Setelah puas manggung dan mengobrol di udara, Warkop mulai membuat film-film komedi yang selalu laris ditonton oleh masyarakat. Dari filmlah para personel Warkop mulai meraup kekayaan berlimpah. Dengan honor Rp 15.000.000 per satu film untuk satu grup, maka mereka pun kebanjiran uang, karena tiap tahun mereka membintangi minimal 2 judul film pada dekade 1980 dan 1990-an yang pada masa itu selalu diputar sebagai film menyambut Tahun Baru Masehi dan menyambut Hari Raya Idul Fitri di hampir semua bioskop utama di seluruh Indonesia.

era Televisi

Dalam era televisi swasta dan menurunnya jumlah produksi film, DKI pun lantas memulai serial televisi sendiri. Serial ini tetap dipertahankan selama beberapa lama walaupun Kasino tutup usia pada tahun 1997. Setelah Dono juga meninggal pada tahun 2001, Indro menjadi satu-satunya personel Warkop. Sedangkan Nanu sudah meninggal tahun 1983 karena sakit liver dan dimakamkan di TPU Tanah Kusir Jakarta.
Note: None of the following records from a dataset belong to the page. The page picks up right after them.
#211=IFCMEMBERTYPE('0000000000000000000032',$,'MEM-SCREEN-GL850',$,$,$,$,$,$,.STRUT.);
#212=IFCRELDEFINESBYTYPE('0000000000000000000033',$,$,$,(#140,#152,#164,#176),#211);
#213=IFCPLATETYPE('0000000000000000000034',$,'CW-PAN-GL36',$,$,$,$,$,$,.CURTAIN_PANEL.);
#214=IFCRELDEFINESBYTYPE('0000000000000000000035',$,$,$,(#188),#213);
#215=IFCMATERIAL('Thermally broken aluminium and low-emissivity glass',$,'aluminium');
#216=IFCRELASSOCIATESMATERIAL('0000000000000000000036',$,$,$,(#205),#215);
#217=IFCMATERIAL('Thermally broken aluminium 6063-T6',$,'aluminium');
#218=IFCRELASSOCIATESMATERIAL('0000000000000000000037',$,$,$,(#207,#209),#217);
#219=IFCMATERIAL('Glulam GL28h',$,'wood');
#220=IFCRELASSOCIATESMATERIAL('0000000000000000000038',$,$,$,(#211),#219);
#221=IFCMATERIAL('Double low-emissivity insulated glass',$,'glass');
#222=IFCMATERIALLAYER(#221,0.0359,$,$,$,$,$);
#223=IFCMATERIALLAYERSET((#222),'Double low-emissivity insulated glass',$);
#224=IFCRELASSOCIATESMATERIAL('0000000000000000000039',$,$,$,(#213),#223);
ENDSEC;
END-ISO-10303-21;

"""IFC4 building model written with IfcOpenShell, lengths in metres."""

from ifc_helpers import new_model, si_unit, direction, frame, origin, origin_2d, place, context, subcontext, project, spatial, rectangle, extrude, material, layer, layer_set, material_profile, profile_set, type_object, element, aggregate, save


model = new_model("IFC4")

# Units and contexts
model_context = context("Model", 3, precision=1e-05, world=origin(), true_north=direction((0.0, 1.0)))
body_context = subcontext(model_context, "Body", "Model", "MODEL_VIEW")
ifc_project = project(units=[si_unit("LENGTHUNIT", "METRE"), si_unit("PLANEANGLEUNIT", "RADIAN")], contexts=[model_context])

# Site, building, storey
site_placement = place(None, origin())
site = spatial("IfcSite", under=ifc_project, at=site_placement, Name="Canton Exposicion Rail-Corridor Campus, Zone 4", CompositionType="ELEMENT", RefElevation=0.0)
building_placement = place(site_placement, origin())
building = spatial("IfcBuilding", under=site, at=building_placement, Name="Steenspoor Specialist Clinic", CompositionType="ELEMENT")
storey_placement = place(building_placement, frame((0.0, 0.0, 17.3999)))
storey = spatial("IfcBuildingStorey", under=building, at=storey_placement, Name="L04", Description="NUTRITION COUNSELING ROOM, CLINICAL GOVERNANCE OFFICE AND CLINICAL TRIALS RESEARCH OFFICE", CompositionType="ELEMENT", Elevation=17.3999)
Kelebihan Warkop dibandingkan grup lawak lain, adalah tingkat kesadaran intelektualitas para anggotanya. Karena sebagian besar adalah mahasiswa (yang kemudian beberapa menjadi sarjana), maka mereka sadar betul akan perlunya profesionalitas dan pengembangan diri kelompok mereka. Ini dilihat dari keseriusan mereka membentuk staf yang tugasnya membantu mereka dalam mencari bahan lawakan. Salah satu staf Warkop ini kemudian menjadi pentolan sebuah grup lawak, yaitu Tubagus Dedi Gumelaralias Miing Bagito. Saat itu Miing mengaku bahwa ia ingin sekali menjadi pelawak, dan kebetulan ia diterima menjadi staf Warkop. Kerjanya selain mengumpulkan bahan lawakan, melakukan survei lokasi (di kota atau daerah sekitar tempat Warkop akan manggung), kalau perlu melakukan pekerjaan pembantu sekalipun seperti menyetrika kostum para personel Warkop. Ini dilakukan Miing dengan serius, karena ia sadar disinilah pembelajaran profesionalitas sebuah kelompok lawak. Miing sempat ikut dalam kaset warkop dan film warkop, sebelum akhirnya membentuk kelompok lawak sendiri bersama Didin (saudaranya) dan Hadi Prabowo alias Unang yang diberi namaBagito (alias Bagi Roto).

Diskografi (kaset)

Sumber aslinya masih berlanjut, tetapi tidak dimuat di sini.